The BBC’s Blair and Brown: The New Labour Revolution is both compelling and chastening

These films handle New Labour’s early dynamism with dexterity.

By Rachel Cooke

At first sight, the BBC’s series Blair and Brown: the New Labour Revolution would appear to prove the adage that when ambition ends, happiness begins. Peter Mandelson purrs. Ed Balls beams. The air around Neil Kinnock is more redolent of something spicy by Jo Malone than of fire and brimstone. Give it time, though. Some are more peaceable than others. Before the first episode is over, Gordon Brown will indeed utter the words “it could have been me”, as if politics is just another reality show, and he has still not got over the fact that in the public vote, he lost out to a guy with too many teeth.

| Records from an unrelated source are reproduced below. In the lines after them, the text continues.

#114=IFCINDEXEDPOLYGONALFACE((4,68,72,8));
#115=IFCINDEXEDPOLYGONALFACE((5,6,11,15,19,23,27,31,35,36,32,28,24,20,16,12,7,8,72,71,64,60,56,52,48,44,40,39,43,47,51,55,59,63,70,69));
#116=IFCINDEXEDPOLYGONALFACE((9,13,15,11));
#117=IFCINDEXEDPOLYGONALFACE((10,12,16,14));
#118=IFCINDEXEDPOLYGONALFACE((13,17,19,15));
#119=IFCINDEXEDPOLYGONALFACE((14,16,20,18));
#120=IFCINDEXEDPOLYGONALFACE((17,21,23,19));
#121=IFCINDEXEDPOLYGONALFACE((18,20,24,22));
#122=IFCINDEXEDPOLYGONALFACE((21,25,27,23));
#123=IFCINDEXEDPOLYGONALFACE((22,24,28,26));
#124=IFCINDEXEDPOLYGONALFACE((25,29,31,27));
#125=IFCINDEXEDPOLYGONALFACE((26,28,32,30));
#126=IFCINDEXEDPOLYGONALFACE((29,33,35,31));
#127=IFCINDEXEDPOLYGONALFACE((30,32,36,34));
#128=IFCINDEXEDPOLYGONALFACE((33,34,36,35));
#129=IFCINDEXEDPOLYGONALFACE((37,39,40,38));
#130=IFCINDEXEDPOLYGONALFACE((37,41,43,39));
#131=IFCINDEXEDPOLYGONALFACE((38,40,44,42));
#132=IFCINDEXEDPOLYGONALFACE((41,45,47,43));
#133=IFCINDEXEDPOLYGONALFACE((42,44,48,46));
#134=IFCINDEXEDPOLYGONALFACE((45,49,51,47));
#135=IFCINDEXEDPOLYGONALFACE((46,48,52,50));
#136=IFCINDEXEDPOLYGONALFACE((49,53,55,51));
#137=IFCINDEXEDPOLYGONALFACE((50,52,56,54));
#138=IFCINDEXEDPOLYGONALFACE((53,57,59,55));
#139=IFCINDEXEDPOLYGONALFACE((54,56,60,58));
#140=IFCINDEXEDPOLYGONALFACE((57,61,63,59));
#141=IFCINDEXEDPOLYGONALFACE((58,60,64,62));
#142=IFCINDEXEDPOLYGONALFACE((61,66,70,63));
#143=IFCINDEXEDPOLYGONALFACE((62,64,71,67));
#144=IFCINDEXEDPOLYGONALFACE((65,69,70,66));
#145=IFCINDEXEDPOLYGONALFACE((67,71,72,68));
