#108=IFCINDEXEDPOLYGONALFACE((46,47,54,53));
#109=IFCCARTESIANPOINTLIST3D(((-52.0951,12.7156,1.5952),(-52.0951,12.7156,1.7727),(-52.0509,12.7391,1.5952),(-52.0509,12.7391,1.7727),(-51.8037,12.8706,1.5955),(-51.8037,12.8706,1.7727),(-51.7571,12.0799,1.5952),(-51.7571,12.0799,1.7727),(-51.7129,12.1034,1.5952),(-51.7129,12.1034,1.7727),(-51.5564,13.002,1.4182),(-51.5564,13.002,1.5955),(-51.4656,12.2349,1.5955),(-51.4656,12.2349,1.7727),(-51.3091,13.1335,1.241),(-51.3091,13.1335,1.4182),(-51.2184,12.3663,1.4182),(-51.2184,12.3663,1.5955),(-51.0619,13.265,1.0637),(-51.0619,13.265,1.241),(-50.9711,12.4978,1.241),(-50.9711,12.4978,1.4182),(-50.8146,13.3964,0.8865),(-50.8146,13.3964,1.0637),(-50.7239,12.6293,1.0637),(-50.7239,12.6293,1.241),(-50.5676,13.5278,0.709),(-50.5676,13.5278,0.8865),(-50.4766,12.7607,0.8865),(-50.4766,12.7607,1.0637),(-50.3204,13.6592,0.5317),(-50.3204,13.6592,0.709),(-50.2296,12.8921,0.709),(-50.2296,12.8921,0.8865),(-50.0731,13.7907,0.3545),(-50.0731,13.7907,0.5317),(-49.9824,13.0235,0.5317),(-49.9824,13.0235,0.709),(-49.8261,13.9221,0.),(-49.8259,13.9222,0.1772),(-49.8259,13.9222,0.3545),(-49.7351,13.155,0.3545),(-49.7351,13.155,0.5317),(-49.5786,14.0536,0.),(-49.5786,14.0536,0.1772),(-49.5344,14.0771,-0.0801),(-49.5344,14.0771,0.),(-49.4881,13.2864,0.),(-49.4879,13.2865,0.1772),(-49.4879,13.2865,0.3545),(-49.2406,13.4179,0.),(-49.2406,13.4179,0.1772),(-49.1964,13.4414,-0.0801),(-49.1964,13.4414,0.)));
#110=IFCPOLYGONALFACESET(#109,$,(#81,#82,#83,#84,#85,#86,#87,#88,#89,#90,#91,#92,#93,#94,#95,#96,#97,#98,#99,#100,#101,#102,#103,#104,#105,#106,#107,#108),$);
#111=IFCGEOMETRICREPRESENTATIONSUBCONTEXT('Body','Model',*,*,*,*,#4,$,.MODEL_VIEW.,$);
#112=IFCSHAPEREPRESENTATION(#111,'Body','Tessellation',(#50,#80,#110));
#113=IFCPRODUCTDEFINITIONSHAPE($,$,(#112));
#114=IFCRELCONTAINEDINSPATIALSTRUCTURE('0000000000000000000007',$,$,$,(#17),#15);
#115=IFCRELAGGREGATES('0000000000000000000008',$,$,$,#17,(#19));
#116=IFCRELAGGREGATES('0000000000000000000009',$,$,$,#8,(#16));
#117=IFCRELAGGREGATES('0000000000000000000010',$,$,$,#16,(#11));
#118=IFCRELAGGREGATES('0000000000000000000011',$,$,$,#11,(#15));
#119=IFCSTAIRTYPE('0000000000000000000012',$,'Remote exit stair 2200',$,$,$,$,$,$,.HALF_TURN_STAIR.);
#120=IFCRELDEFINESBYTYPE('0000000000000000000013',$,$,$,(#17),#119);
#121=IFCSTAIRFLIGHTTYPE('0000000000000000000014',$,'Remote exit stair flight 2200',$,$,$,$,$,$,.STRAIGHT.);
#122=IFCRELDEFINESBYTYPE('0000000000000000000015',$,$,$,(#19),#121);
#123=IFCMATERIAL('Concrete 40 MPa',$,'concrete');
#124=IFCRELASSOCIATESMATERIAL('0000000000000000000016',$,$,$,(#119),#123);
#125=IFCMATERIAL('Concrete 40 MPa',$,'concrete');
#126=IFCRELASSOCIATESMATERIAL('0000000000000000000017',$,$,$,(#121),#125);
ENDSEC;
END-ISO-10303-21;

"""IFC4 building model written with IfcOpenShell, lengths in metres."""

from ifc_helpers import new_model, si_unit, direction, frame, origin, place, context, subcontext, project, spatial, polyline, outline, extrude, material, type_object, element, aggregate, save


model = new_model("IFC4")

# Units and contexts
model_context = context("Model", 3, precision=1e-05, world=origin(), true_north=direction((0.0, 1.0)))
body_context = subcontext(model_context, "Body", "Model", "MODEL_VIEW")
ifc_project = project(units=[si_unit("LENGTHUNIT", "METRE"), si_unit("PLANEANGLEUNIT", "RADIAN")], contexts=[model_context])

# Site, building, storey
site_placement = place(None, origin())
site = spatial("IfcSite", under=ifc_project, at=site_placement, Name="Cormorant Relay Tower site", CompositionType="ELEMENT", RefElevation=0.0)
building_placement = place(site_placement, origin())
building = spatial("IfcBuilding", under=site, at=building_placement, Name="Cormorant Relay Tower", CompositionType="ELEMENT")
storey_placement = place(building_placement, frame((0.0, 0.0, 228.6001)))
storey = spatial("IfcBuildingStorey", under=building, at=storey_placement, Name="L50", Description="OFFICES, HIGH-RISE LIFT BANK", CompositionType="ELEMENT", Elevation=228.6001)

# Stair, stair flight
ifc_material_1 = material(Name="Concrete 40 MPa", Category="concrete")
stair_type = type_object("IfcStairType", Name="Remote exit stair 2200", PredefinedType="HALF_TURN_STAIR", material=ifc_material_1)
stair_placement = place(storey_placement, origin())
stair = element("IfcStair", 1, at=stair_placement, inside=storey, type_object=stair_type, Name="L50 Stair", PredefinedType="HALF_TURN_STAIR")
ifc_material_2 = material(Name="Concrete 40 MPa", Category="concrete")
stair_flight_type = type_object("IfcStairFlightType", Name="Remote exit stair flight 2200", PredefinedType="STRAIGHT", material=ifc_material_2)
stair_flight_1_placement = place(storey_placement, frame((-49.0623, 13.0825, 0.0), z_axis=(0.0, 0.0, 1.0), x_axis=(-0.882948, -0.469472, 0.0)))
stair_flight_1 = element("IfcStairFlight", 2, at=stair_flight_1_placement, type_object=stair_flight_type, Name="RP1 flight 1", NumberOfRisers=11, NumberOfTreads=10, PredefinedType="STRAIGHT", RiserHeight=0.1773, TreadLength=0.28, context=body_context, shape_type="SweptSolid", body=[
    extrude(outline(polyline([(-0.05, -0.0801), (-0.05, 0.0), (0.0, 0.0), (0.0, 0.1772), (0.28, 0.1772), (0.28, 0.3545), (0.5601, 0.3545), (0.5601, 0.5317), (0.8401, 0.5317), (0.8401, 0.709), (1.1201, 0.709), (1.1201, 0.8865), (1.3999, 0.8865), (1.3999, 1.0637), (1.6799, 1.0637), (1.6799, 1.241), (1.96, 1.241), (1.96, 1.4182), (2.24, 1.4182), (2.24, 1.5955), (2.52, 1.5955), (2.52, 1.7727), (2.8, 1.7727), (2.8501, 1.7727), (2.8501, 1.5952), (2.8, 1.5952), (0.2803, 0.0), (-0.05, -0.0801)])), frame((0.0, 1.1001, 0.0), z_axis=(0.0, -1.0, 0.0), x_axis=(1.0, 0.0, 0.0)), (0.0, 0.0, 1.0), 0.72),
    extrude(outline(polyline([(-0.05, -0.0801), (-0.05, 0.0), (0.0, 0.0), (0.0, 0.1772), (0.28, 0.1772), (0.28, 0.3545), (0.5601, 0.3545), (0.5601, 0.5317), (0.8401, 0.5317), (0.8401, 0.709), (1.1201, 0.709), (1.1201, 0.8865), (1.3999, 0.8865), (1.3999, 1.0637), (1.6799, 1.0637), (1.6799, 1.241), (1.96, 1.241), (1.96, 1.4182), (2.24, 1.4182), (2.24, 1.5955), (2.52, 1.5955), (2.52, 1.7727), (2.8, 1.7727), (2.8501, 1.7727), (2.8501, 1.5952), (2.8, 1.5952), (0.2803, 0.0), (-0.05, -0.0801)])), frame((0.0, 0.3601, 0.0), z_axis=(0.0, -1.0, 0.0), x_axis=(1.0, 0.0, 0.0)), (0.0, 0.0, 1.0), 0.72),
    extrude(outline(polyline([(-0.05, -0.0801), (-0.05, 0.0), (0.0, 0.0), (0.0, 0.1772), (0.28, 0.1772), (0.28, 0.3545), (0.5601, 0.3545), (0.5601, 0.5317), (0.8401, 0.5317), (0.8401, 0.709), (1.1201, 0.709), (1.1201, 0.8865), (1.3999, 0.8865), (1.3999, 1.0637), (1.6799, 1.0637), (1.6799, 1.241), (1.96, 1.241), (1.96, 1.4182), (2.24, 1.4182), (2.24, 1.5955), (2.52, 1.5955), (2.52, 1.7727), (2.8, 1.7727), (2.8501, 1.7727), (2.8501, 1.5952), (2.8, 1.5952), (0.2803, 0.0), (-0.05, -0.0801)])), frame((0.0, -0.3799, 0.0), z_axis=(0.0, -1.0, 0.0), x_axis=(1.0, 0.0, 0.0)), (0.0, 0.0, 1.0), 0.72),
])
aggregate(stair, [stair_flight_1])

Tony Blair’s multitudinous incisors, incidentally, continue to mesmerise, though perhaps not quite so much as when they were matched with snow-washed jeans and the kind of political enthusiasm that can only come from not having grown up with the knot of vipers that is the Labour Party. Why, you wonder, did he want to get into politics at all? He presents his epiphany as architecture-induced. Visiting the Palace of Westminster, he gazed at the arches of Central Lobby and… boom! “I’ve got to be here,” he thought. But ambition was soon on the march: sly, fatally incremental, impossible to silence. When Brown decided not to run against John Smith for the leadership in 1992, the scenery, as Mandelson put it, “shifted in Tony’s head”. The spear-bearer now hankered to be the leading man. Quick, fetch the panstick and that gold-trimmed toga.